The Prayer Before Meal
Jean-Baptiste-Siméon Chardin [Web Gallery of Art]

During the retreat I told a number of stories of seemingly insignificant events where God had revealed himself to me through the actions of children and of older persons without their being aware of it. Then on the way back to Manila after the retreat Sister Evelyn Cortes SMC, whose family I have known since she was in high school in Tangub City, Misamis Occidental, and Sister Eppie Resano SMC told me a story about Chiara where she showed an understanding of what this Sunday's Second Reading is all about, without being aware of it.

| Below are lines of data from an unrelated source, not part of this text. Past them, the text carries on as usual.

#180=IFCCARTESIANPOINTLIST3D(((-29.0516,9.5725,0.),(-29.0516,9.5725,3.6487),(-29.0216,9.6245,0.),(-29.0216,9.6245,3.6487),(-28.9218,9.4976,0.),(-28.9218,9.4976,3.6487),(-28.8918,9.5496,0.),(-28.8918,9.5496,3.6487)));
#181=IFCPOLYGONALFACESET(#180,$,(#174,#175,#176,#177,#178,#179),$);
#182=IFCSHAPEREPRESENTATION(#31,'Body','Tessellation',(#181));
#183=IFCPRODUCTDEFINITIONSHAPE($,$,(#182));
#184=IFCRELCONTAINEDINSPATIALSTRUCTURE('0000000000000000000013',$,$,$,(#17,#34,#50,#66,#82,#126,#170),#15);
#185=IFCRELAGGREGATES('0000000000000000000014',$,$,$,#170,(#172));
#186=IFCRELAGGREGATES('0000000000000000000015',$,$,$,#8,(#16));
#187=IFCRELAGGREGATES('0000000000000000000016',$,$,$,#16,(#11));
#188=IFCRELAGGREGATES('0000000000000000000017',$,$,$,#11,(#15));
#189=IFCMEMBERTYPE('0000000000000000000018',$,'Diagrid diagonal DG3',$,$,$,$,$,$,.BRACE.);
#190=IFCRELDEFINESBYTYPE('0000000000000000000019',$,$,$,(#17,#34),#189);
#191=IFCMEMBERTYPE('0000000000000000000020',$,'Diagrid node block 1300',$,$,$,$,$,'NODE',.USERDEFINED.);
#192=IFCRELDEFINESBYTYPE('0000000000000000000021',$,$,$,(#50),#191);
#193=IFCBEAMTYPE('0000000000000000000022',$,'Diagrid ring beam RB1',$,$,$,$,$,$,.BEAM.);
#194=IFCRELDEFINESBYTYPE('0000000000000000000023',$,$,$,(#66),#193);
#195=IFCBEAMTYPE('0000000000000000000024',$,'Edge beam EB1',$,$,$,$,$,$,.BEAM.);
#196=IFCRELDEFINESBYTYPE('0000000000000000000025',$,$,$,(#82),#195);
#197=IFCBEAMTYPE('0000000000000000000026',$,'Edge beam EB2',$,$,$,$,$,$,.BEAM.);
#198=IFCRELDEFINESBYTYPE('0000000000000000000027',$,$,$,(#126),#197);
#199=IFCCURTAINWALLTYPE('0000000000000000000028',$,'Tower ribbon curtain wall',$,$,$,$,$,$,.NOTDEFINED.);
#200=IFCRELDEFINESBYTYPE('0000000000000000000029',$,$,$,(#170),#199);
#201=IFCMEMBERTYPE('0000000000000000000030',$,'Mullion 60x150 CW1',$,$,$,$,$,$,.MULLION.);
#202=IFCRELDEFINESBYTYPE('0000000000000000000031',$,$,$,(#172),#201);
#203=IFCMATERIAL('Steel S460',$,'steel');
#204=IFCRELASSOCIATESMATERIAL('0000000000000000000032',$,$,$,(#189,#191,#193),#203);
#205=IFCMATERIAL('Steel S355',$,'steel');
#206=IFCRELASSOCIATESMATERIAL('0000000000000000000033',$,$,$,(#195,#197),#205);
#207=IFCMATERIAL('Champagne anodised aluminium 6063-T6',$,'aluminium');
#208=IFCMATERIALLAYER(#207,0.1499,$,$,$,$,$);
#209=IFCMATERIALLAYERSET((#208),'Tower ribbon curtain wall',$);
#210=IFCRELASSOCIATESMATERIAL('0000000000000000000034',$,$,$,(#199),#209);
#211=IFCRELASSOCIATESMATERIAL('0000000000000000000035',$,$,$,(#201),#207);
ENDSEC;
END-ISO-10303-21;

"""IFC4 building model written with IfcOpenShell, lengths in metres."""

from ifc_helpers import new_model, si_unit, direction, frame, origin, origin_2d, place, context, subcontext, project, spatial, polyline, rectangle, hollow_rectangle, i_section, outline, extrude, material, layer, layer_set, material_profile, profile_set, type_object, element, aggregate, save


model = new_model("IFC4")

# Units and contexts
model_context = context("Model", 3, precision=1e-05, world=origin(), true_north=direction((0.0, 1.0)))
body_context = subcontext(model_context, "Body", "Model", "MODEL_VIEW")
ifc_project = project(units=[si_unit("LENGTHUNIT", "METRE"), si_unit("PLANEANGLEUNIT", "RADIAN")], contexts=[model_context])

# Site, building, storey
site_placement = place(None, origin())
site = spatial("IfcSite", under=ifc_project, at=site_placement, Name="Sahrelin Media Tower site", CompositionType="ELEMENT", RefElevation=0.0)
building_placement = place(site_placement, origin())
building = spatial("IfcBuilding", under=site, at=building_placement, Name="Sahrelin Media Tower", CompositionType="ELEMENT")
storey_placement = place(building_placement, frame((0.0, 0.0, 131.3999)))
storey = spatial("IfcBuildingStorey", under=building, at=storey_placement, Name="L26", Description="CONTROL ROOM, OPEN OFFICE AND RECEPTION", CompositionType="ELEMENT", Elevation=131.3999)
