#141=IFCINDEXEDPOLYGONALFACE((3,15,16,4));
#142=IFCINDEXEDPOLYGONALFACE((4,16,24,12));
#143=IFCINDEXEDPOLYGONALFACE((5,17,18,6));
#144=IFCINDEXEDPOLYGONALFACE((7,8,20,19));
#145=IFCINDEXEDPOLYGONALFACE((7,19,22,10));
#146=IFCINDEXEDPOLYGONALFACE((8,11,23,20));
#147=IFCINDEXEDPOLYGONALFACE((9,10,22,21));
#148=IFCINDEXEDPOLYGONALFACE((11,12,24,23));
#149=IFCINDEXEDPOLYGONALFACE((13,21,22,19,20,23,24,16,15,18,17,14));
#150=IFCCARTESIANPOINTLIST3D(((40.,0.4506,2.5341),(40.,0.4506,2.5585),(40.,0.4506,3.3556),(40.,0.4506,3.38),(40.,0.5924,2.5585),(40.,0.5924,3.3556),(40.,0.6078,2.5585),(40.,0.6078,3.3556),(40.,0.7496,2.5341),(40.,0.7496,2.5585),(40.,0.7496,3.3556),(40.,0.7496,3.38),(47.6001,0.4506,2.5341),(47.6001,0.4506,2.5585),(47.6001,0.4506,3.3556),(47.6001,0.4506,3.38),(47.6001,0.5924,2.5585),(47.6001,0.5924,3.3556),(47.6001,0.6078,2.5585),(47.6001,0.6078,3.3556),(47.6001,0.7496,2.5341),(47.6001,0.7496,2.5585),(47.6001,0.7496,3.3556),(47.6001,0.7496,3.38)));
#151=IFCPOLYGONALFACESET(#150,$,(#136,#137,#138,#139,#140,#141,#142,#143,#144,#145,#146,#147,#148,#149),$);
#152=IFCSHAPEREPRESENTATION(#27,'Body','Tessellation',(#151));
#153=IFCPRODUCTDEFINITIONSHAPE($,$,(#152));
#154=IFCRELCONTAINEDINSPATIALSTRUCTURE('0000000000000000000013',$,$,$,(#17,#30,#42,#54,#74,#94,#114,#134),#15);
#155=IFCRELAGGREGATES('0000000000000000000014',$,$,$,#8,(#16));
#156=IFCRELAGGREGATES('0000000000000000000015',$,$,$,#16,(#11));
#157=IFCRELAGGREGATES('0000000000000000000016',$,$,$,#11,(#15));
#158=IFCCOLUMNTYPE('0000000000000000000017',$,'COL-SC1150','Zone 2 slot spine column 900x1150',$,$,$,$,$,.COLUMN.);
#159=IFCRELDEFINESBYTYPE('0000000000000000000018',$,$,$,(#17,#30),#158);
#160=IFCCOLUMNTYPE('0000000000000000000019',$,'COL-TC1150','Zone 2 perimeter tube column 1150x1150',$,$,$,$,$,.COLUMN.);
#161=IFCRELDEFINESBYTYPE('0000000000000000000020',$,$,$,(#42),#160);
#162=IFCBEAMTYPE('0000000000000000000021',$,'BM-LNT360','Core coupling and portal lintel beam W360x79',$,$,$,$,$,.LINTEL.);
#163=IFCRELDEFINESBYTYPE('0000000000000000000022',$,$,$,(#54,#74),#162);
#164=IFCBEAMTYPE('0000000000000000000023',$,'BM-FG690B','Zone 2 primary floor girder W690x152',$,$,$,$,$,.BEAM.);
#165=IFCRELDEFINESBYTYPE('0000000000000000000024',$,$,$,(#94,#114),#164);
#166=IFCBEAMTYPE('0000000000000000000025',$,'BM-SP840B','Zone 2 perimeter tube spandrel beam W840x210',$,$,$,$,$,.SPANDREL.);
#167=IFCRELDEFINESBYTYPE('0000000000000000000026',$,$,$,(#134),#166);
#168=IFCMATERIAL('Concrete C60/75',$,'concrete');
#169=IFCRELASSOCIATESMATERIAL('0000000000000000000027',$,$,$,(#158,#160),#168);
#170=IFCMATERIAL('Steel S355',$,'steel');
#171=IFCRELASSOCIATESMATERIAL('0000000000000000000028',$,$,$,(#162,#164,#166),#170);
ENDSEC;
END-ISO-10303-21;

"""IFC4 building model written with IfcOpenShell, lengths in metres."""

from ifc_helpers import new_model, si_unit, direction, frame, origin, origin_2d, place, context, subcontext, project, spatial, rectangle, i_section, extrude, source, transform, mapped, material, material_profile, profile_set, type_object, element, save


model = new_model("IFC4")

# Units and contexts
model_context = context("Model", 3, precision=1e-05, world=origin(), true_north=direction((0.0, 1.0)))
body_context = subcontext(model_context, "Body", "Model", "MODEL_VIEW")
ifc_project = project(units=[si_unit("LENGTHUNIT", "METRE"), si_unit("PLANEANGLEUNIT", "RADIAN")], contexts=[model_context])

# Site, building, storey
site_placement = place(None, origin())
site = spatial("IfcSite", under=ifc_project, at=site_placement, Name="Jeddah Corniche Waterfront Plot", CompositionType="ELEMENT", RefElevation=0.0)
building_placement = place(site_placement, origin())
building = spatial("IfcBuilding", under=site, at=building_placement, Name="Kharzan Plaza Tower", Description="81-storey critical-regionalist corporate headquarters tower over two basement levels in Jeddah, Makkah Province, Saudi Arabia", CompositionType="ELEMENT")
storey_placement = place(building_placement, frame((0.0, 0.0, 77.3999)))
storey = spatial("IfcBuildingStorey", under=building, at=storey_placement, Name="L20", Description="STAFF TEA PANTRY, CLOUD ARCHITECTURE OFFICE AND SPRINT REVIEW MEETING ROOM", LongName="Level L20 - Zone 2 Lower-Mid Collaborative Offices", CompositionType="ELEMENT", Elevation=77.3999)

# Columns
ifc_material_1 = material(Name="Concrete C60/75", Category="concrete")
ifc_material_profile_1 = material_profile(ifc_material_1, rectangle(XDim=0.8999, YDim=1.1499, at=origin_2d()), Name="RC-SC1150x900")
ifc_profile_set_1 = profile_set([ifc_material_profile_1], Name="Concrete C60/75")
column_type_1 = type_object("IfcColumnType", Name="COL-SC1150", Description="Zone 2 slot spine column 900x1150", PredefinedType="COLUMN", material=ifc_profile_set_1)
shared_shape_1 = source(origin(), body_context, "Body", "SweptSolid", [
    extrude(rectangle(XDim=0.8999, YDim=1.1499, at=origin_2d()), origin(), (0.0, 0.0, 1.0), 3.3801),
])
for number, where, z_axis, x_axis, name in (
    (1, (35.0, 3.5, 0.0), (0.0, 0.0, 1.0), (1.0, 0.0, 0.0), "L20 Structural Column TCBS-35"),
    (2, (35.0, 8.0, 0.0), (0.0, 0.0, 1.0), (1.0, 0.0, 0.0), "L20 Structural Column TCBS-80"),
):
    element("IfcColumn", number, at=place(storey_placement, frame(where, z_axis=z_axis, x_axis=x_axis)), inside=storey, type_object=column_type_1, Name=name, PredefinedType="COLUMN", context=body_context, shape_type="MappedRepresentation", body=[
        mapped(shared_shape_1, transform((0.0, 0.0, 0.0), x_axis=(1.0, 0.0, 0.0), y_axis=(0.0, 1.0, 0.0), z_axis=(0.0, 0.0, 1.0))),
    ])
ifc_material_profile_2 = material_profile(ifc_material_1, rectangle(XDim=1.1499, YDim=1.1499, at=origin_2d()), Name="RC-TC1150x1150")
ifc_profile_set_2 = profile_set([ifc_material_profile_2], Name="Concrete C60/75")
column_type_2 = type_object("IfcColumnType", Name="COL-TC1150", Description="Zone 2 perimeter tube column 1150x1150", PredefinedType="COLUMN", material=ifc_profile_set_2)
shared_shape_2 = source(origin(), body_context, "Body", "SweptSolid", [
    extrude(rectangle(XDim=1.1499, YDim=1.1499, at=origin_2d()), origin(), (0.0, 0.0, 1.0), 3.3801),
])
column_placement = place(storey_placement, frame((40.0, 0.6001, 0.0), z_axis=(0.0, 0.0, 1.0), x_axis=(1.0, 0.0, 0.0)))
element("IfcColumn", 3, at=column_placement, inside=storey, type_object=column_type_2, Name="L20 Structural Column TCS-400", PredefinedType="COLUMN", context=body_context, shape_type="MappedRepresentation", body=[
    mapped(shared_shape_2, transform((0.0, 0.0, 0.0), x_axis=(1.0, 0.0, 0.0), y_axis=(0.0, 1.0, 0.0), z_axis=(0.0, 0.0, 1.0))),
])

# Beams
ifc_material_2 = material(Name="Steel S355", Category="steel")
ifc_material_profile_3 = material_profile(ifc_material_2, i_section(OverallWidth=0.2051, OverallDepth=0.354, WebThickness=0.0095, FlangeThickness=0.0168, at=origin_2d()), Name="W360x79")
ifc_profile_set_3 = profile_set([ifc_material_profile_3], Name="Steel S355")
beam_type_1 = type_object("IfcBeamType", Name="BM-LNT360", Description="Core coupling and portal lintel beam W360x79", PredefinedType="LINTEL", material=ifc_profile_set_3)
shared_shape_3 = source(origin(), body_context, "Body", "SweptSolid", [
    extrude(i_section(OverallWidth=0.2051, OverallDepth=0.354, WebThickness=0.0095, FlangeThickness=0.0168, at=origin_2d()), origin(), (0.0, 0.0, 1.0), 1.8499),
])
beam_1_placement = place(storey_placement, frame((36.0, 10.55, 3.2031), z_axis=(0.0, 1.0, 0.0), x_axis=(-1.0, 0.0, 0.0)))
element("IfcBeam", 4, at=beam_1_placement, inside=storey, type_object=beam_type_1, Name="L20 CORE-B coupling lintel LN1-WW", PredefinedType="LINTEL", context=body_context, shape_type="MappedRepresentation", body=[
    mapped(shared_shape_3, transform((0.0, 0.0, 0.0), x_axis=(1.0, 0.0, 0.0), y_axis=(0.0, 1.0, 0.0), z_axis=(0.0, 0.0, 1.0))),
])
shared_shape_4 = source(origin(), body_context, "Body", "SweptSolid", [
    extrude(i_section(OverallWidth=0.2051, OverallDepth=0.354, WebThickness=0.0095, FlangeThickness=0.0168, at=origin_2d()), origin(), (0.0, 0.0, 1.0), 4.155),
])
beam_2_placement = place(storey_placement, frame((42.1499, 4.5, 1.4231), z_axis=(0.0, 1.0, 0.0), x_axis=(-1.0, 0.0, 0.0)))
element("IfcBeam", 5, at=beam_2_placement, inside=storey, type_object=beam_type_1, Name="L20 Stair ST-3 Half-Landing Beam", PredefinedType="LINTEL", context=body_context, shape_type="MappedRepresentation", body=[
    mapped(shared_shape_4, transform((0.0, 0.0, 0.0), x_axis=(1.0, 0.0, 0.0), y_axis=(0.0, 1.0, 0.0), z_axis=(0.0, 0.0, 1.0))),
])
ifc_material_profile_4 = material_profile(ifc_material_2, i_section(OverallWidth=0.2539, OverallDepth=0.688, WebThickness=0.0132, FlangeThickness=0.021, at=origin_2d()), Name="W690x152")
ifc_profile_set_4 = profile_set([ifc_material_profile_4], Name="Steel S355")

Beloved, let us love one another, for love is from God, and whoever loves has been born of God and knows God. Anyone who does not love does not know God, because God is love. In this the love of God was made manifest among us, that God sent his only Son into the world, so that we might live through him. In this is love, not that we have loved God but that he loved us and sent his Son to be the propitiation for our sins (1 John 4:7-10).

Some time before I gave the retreat a missionary priest visited the Sisters and celebrated Mass for them. Little Chiara saw him as being very severe in his demeanour. After Mass she tugged on his cassock and asked him, Father, are you angry with God? It seems that the following morning he wasn't quite as severe looking!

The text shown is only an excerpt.